I have no complaints about the brass zipper, in fact its a good reason to buy the jacket.


----------



## rolftonbees (Jul 10, 2014)

There are several ways you can lube a zipper. pencil lead is very effective, but obviously potentially messy. It would not matter on my suit as it is tinted orange from clay, and a grey smudge on zipper would not bother.

Wax as already sugessted, *****day candles are handy for such

Vasaline

Chapstick

Something I keep around that works well on zippers is the little tube of bike chain lube you find on counters in bicycle shops.

The most obvious might be........ta tad bump,......beeswax.....ting


Ans


----------



## texman034 (Feb 19, 2015)

texanbelchers said:


> The only time my zipper catches is when I zip in part of the material. I suspect that will remain an operator problem and would happen with any zipper.
> 
> The only time I've been stung through it was when I was rolling around under a shed on a cutout. I just wish the sleeves were slightly longer because they allow the wrist to be exposed if I'm not careful. Maybe I need some cuffs or gloves with gauntlets, but those are too heavy.

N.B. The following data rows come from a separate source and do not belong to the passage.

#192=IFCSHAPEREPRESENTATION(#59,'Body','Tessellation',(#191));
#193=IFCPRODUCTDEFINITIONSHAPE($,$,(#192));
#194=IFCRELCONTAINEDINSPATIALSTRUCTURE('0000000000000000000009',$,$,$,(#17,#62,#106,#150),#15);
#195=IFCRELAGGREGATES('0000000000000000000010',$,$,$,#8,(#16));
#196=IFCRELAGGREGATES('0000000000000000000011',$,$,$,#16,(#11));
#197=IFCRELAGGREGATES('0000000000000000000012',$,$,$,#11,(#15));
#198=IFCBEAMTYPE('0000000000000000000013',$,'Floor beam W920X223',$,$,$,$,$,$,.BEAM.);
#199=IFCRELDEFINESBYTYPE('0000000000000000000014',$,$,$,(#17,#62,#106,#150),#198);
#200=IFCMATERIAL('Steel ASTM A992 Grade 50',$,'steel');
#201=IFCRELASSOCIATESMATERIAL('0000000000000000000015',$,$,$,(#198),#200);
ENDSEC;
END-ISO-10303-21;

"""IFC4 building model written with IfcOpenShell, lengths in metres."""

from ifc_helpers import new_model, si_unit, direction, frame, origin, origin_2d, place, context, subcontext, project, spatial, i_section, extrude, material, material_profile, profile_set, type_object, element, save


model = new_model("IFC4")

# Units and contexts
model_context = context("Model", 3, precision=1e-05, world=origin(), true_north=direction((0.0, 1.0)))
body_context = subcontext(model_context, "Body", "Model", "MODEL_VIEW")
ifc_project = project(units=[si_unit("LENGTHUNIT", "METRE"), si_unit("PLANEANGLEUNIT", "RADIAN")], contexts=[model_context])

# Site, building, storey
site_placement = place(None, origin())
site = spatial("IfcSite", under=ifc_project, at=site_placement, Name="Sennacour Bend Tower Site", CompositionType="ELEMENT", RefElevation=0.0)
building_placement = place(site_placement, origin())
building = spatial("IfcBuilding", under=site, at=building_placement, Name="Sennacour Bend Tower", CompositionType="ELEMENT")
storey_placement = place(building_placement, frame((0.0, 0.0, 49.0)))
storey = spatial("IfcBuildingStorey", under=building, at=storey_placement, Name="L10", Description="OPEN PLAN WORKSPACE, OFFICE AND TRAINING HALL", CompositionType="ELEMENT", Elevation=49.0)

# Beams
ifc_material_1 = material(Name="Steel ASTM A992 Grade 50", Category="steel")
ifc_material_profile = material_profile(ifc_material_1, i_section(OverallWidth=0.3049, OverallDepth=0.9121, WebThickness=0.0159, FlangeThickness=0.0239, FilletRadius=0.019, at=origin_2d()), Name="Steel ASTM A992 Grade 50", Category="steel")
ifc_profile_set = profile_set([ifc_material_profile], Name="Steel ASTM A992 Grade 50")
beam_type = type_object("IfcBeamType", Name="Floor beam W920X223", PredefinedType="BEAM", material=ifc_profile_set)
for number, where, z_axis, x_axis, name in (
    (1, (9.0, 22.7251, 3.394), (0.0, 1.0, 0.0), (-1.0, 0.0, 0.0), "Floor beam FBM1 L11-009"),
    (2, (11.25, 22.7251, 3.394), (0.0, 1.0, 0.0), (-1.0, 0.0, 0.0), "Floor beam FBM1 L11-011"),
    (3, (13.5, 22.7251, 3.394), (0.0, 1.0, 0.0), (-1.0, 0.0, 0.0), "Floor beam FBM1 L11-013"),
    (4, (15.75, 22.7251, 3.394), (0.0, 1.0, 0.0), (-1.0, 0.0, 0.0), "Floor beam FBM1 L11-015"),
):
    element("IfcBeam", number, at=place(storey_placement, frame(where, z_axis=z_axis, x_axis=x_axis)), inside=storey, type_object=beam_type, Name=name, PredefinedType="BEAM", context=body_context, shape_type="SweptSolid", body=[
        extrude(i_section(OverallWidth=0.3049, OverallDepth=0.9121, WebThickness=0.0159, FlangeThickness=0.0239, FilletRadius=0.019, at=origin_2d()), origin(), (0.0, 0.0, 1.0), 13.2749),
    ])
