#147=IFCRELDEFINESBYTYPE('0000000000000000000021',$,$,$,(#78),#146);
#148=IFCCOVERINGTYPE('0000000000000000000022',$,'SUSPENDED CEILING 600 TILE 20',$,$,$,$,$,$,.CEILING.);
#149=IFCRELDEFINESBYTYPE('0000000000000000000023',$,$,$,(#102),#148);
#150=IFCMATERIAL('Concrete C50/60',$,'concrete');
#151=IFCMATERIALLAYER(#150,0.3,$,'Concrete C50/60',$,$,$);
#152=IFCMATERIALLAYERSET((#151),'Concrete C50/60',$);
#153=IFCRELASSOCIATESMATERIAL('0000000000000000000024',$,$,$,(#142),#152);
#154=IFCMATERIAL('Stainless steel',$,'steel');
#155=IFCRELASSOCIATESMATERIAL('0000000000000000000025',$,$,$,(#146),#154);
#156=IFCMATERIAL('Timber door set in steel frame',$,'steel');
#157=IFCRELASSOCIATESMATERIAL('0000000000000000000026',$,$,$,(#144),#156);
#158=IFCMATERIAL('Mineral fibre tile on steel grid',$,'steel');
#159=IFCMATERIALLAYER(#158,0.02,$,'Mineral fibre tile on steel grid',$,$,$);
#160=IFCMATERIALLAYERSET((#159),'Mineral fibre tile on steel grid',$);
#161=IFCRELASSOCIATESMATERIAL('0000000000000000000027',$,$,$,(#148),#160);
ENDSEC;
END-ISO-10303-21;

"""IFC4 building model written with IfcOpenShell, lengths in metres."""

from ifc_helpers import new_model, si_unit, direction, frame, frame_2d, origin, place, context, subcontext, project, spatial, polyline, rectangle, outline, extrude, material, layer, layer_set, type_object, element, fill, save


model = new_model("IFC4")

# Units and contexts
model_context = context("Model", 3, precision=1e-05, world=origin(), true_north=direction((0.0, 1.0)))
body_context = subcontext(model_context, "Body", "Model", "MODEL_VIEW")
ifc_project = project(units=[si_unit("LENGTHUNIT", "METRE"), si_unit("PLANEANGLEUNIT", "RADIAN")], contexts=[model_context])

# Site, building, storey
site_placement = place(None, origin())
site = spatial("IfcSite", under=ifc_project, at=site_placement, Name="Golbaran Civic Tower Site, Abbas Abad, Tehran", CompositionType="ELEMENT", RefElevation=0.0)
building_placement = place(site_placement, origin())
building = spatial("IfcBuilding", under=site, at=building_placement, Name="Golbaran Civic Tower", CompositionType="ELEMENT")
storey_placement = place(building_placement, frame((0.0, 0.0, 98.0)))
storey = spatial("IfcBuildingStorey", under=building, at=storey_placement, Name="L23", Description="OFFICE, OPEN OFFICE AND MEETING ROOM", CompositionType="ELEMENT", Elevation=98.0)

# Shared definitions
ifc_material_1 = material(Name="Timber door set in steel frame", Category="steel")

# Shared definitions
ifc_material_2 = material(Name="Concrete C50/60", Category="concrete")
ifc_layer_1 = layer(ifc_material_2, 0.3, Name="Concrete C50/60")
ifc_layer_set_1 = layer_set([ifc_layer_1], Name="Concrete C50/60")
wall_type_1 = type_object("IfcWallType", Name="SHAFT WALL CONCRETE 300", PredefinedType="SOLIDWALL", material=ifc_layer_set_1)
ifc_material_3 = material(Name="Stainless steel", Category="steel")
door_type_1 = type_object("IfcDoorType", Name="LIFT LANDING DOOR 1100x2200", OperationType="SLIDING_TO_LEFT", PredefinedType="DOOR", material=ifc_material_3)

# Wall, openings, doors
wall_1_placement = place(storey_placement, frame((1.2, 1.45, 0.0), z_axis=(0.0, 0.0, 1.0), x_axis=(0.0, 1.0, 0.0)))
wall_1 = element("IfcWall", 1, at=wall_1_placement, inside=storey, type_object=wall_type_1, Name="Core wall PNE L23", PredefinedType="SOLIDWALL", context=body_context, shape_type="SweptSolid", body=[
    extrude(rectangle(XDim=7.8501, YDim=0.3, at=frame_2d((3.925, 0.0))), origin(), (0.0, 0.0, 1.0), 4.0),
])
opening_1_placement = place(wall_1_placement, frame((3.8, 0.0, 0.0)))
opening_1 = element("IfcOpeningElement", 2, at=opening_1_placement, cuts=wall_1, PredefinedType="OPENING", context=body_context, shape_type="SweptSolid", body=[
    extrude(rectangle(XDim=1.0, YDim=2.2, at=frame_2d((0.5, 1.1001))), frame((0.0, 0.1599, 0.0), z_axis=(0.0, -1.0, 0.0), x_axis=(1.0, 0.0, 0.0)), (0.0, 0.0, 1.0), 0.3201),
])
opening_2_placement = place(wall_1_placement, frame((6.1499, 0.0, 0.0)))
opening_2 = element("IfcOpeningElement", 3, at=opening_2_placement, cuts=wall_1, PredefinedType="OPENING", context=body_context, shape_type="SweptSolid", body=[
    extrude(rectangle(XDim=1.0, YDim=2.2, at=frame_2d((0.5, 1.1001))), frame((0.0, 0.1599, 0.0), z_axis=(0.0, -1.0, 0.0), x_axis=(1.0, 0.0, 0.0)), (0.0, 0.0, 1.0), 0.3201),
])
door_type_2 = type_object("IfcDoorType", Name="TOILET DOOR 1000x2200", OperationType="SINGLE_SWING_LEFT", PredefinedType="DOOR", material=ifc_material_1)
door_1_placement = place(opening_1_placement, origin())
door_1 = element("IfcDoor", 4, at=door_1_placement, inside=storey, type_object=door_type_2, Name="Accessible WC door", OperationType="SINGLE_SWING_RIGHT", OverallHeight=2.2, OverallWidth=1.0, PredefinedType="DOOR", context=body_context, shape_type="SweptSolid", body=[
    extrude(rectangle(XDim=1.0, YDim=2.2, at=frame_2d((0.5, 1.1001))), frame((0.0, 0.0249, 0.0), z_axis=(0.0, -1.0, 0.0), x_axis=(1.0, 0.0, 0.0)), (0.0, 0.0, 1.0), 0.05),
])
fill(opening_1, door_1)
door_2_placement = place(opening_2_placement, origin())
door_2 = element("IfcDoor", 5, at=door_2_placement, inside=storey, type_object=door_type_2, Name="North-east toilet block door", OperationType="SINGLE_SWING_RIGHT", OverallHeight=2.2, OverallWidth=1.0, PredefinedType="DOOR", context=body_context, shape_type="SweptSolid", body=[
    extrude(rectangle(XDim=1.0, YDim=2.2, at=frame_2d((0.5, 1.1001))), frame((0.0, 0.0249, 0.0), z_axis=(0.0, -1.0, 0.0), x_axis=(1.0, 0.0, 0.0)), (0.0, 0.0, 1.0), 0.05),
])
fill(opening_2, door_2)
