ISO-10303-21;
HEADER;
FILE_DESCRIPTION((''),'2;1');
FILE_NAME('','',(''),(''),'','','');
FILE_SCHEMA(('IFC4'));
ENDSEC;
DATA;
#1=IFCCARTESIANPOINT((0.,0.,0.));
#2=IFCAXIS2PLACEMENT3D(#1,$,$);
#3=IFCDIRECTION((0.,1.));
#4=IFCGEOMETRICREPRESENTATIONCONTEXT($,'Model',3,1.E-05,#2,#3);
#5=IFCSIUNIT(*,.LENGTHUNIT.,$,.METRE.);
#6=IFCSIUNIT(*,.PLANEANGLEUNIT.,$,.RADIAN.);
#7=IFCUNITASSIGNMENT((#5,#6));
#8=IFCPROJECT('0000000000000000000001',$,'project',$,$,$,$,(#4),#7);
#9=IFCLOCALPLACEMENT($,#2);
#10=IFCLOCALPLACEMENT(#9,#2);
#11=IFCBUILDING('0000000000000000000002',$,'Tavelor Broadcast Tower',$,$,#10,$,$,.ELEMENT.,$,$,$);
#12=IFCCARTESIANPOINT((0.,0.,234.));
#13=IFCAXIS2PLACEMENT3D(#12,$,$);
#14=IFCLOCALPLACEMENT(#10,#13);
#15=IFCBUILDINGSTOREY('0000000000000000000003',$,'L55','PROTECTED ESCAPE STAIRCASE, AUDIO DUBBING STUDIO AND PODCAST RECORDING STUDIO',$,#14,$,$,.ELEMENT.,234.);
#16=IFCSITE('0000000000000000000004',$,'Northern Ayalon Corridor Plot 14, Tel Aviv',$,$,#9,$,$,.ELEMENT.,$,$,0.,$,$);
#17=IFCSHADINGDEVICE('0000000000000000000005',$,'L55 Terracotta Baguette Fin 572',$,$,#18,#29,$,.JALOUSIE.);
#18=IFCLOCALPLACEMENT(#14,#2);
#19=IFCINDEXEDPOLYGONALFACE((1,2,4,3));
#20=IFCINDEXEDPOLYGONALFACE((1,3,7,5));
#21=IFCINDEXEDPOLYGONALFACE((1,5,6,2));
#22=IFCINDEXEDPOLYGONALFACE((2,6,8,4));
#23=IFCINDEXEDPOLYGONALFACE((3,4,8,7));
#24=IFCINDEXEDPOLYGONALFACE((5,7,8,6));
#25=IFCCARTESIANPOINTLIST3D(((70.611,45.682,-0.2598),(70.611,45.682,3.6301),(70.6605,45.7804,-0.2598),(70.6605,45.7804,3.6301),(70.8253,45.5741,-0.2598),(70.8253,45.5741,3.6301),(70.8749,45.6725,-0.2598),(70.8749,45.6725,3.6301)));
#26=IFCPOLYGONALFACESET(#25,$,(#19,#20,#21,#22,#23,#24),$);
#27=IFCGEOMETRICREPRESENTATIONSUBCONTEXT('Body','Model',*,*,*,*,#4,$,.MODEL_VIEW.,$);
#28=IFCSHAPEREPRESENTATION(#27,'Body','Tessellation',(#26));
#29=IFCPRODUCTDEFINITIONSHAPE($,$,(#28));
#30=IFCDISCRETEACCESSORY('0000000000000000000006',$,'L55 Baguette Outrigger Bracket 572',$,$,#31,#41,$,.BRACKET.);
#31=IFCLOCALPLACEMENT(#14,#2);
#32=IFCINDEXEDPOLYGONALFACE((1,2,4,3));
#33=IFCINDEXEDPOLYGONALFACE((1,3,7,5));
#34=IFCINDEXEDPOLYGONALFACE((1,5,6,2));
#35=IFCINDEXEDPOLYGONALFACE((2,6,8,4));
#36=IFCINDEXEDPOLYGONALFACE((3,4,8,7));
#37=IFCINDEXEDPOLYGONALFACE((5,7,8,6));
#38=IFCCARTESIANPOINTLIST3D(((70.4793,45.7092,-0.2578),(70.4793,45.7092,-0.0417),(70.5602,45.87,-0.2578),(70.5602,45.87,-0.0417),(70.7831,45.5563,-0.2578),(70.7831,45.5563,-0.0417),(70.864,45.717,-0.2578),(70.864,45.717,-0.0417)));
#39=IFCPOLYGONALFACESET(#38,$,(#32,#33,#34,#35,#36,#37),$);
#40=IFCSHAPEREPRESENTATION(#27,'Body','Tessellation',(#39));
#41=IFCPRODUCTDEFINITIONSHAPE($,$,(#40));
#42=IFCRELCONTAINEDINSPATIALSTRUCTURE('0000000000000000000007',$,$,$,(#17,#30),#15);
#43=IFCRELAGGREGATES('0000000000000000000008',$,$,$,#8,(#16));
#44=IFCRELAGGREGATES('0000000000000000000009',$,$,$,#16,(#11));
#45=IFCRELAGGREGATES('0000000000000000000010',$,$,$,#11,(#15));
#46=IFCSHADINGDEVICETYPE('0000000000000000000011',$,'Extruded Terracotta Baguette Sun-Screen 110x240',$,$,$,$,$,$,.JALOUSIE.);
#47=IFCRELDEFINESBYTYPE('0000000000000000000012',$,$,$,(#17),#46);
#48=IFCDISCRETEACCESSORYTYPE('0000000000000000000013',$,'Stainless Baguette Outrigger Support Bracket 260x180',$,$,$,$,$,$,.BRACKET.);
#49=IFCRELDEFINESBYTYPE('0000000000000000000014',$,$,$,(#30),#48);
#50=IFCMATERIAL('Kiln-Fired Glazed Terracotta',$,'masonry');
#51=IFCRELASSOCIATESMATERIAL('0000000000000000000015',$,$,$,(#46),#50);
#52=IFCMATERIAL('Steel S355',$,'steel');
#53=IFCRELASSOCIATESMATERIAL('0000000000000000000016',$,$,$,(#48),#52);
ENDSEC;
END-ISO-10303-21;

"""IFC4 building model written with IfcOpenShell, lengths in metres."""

from ifc_helpers import new_model, si_unit, direction, frame, origin, origin_2d, place, context, subcontext, project, spatial, rectangle, extrude, source, transform, mapped, material, type_object, type_shapes, element, save


model = new_model("IFC4")

# Units and contexts
model_context = context("Model", 3, precision=1e-05, world=origin(), true_north=direction((0.0, 1.0)))
body_context = subcontext(model_context, "Body", "Model", "MODEL_VIEW")
ifc_project = project(units=[si_unit("LENGTHUNIT", "METRE"), si_unit("PLANEANGLEUNIT", "RADIAN")], contexts=[model_context])

# Site, building, storey
site_placement = place(None, origin())
site = spatial("IfcSite", under=ifc_project, at=site_placement, Name="Northern Ayalon Corridor Plot 14, Tel Aviv", CompositionType="ELEMENT", RefElevation=0.0)
building_placement = place(site_placement, origin())
building = spatial("IfcBuilding", under=site, at=building_placement, Name="Tavelor Broadcast Tower", CompositionType="ELEMENT")
storey_placement = place(building_placement, frame((0.0, 0.0, 234.0)))
storey = spatial("IfcBuildingStorey", under=building, at=storey_placement, Name="L55", Description="PROTECTED ESCAPE STAIRCASE, AUDIO DUBBING STUDIO AND PODCAST RECORDING STUDIO", CompositionType="ELEMENT", Elevation=234.0)

# Shared definitions
ifc_material_1 = material(Name="Steel S355", Category="steel")

# Shading device
ifc_material_2 = material(Name="Kiln-Fired Glazed Terracotta", Category="masonry")
shading_device_type = type_object("IfcShadingDeviceType", Name="Extruded Terracotta Baguette Sun-Screen 110x240", PredefinedType="JALOUSIE", material=ifc_material_2)
shared_shape_1 = source(origin(), body_context, "Body", "SweptSolid", [
    extrude(rectangle(XDim=0.1101, YDim=0.24, at=origin_2d()), origin(), (0.0, 0.0, 1.0), 3.8899),
])
type_shapes(shading_device_type, [shared_shape_1])
shading_device_placement = place(storey_placement, frame((70.7429, 45.6772, -0.2598), z_axis=(0.0, 0.0, 1.0), x_axis=(0.449631, 0.893214, 0.0)))
element("IfcShadingDevice", 1, at=shading_device_placement, inside=storey, type_object=shading_device_type, Name="L55 Terracotta Baguette Fin 572", PredefinedType="JALOUSIE", context=body_context, shape_type="MappedRepresentation", body=[
    mapped(shared_shape_1, transform((0.0, 0.0, 0.0), scale=1.0)),
])

# Discrete accessory
discrete_accessory_type = type_object("IfcDiscreteAccessoryType", Name="Stainless Baguette Outrigger Support Bracket 260x180", PredefinedType="BRACKET", material=ifc_material_1)
shared_shape_2 = source(origin(), body_context, "Body", "SweptSolid", [
    extrude(rectangle(XDim=0.1799, YDim=0.3401, at=origin_2d()), origin(), (0.0, 0.0, 1.0), 0.2161),
])
type_shapes(discrete_accessory_type, [shared_shape_2])
discrete_accessory_placement = place(storey_placement, frame((70.6716, 45.7131, -0.2578), z_axis=(0.0, 0.0, 1.0), x_axis=(0.449631, 0.893214, 0.0)))
element("IfcDiscreteAccessory", 2, at=discrete_accessory_placement, inside=storey, type_object=discrete_accessory_type, Name="L55 Baguette Outrigger Bracket 572", PredefinedType="BRACKET", context=body_context, shape_type="MappedRepresentation", body=[
    mapped(shared_shape_2, transform((0.0, 0.0, 0.0), scale=1.0)),
])

save(model, "model.ifc")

I too wish the sleeves were longer. I bought some wrist sweat bands to prevent getting nailed. If the sleeves were a couple inches longer it would be perfect.


----------



## TurnTex (Mar 6, 2015)

I would like the legs to be longer or at least have an option to get one with longer legs! Mine looks like I am wearing high water pants! Otherwise, the suit is perfect to me. I don't have any issue with the zippers.


----------



## agastache (Jun 27, 2013)

I like the brass and feel that it adds quality to the suit. weight of the suit is not an issue for me, and I don't even know what "catchy" means as my zippers have always worked perfectly. like TurnTex, I wouldn't mind longer legs on the suit. everything else is fine.


----------



## Pete O (Jul 13, 2013)

I have the zipper snag problem but I live with it. Stay with the zipper, forget the plastic.


----------



## Michael Bush (Aug 2, 2002)

Yea, two inches longer in the sleeves would be nice. When I reach to the far side of the hive my gloves often pull out of the elastic.


----------



## Vectorjet (Feb 20, 2015)

Yes for me, a couple inches longer in the sleeve would be great. I am pretty tall so it is always a struggle to find sleeves long enough to fit. Just wonder if the sleeves were longer maybe most people would complain that they are too long.


----------



## mgolden (Oct 26, 2011)

My arms are on the long side as is my back length. Make the arms 2 inch longer and also make the back long. One is bending over lots and the jacket can ride up leaving bare skin exposed between jean's waist band and jacket.
Or maybe make a tall model.


----------



## texanbelchers (Aug 4, 2014)

mgolden said:


> My arms are on the long side as is my back length. Make the arms 2 inch longer and also make the back long. One is bending over lots and the jacket can ride up leaving bare skin exposed between jean's waist band and jacket.
> Or maybe make a tall model.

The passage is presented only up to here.